One of my Uncles was a 55 year member & was so disgusted with the goings on that he vowed never to buy another membership & has followed that through.

Fair enough, I'll tell you what I think for your interest and everyone else can just ignore it. ;) Apologies for the long post but there's a lot of ground.

For what it's worth here my take on it all is two things happened, one, Essendon were made a scapegoat for competition wide issues and two, the wrong people were punished for the sake of appearances.

On the first point, there is no doubt there were issues at most of the clubs in the competition in terms of potentially operating outside the drug codes and the AFL knew it. My personal view is there were three other clubs who were on the 'Essendon' tier, and then 10-12 others who had at least some degree of question around their conduct in this area, either on a club wide or individual player basis.
So by my take, there were up to 15 of the 18 clubs who were dirty, and four that were filthy. The former part of that is on public record, the latter is my educated guess based on things that I now know. (Full disclaimer the club I worked at was in the second group).
My view is that the AFL knew there was an issue and wanted to put a stop to it and rather than blow up the competition selected Essendon as the fall guy.

Why Essendon? Like most questions in this saga the answer is Stephen Dank. He was the differential between Essendon and the other clubs on the same level, because he was an unqualified moron who was running wild. There were also unquestionably links to organised crime there which made Essendon a good choice for the AFL/federal government relationship.

Had the codes been applied to the letter I believe the 2014 season would have been destroyed, 4 clubs unable to play at all and a large percentage of players across the entire competition suspended. It would have taken a very long time to recover. Hence the scapegoat.

On Essendon itself, what happened was absolutely diabolical. When you are in a position to understand the trust that young men and their families put in clubs to protect them and be responsible for their welfare, it makes you sick in the guts to think about what was allowed to happen to them.
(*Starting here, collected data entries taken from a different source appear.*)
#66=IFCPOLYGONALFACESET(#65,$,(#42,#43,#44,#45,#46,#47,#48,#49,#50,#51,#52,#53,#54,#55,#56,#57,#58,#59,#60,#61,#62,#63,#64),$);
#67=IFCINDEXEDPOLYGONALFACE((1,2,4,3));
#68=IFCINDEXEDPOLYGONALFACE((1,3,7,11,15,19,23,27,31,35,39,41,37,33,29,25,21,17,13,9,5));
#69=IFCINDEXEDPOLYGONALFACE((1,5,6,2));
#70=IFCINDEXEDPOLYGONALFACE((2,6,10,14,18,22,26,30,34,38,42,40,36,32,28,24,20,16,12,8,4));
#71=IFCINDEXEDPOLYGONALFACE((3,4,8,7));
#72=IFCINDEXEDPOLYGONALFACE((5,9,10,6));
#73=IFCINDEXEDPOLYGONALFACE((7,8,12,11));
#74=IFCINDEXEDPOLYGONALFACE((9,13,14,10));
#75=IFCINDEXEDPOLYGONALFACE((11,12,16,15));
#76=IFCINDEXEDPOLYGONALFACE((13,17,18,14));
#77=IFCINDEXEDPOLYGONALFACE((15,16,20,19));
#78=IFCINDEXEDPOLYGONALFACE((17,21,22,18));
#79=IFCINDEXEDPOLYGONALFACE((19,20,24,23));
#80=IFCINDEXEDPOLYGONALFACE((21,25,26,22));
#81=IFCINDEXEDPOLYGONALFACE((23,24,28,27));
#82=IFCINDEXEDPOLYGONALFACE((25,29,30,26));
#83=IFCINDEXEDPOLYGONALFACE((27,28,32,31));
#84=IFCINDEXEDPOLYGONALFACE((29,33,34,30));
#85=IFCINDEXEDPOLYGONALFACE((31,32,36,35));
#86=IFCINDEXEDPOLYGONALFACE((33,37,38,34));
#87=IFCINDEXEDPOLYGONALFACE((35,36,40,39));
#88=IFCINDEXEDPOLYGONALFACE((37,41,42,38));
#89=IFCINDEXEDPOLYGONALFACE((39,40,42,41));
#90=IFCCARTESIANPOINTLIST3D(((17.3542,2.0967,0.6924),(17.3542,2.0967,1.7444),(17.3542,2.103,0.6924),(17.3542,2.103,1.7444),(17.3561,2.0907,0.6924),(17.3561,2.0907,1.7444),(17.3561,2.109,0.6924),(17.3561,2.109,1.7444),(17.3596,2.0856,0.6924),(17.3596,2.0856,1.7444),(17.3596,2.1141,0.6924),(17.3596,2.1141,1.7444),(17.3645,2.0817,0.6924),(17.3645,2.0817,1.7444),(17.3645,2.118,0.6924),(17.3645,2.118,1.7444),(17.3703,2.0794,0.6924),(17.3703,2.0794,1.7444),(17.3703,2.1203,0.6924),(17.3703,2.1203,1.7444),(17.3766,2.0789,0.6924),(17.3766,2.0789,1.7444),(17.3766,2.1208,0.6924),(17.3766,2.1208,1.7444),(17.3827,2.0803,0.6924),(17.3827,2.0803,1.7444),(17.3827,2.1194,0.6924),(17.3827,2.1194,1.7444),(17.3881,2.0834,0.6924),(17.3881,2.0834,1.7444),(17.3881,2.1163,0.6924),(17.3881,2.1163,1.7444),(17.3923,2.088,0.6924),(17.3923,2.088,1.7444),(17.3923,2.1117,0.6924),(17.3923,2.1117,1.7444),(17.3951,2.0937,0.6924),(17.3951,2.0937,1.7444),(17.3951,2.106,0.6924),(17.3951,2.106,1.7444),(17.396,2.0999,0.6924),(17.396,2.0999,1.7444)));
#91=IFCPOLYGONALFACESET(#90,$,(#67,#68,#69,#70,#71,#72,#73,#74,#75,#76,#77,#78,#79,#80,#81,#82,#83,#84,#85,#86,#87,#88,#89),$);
Disgrace doesn't even begin to cover it.
Having said that I absolutely believe that there was never anything but the right intentions from anyone at Essendon, including Dank.
In terms of actions (As opposed to process, procedures and governance) , Dank was the entire issue at Essendon.

The problem was he had no training or qualifications for the position, nor the knowledge or expertise to perform it, as well as being incapable of performing the critical tasks of the role. In short he was a buffoon playing at being a sports scientist who never should have been there. The fact that he was there is a combination of Essendon's poor process and him being a skilled con man.
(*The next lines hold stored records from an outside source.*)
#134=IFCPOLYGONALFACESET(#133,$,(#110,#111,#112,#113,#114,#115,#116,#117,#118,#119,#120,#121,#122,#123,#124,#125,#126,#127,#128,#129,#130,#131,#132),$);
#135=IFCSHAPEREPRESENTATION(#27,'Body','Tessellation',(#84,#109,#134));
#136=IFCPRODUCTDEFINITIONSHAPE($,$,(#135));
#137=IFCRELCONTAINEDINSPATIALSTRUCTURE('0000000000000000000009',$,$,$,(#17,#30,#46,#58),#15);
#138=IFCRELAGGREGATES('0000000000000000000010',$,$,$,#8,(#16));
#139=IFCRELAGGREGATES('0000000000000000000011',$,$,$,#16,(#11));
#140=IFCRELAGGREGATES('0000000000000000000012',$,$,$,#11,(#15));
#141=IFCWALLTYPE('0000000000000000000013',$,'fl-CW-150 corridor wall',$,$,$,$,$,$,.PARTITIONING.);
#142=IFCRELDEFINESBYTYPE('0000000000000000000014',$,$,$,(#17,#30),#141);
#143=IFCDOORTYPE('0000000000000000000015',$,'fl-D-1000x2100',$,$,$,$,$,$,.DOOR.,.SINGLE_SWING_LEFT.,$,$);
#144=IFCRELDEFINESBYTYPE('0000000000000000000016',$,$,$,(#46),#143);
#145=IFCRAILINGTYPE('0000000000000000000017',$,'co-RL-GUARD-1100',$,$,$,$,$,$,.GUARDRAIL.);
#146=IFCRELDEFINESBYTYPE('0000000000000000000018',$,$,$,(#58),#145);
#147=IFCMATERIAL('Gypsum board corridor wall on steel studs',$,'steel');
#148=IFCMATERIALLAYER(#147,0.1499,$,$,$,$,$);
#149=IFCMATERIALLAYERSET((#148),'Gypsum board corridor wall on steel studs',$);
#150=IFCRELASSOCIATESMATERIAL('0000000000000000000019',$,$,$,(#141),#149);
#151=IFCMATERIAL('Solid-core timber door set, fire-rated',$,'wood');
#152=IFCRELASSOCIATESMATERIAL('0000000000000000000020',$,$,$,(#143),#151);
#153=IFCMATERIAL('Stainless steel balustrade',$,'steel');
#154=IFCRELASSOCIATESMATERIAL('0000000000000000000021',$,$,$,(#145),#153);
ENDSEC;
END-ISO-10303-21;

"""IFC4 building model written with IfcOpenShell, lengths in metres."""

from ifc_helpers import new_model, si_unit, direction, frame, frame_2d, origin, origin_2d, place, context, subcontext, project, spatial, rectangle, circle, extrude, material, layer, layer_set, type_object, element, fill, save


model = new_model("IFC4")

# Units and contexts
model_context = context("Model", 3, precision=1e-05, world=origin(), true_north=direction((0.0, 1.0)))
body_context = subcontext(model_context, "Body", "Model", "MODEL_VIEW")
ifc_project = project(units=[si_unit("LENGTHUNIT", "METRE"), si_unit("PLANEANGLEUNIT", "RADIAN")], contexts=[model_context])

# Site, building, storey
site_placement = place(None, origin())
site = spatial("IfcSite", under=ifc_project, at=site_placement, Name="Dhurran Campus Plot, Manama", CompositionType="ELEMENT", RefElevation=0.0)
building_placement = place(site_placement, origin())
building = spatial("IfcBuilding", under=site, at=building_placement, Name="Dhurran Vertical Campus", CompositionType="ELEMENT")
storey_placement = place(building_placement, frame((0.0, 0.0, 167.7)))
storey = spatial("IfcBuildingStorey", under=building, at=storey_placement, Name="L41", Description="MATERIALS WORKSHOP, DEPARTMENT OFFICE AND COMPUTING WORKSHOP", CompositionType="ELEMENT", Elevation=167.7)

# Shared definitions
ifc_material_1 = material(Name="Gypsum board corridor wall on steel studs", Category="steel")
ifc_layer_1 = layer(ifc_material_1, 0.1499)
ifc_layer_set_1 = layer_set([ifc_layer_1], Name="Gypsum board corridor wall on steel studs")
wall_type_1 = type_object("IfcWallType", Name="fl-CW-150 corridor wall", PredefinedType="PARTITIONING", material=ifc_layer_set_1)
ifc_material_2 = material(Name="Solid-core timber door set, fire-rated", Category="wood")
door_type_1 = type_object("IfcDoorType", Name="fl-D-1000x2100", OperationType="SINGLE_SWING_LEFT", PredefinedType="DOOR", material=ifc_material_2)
So who is responsible for him being there in the first place? Ultimately the chain here goes the board, the CEO (Ian Robson), the Head of Football (Paul Hamilton), High Performance Manager (Dean 'Weapon' Robinson) and then Dank. So if Robinson brought Dank in to the club, then Hamilton and Robson had to sign off on his job. If the guy was not qualified and didn't have the skills to do the tasks he was charged with aren't they responsible for that? Remind me what sanctions they copped again?

Then you get to what actually happened at the club. You've got this unqualified buffoon running around the place, getting hold of all sorts of supplements, thinking they will do all sorts of things and saying he is doing things he isn't like keeping records, or paying attention to and understanding the codes. So how does that happen?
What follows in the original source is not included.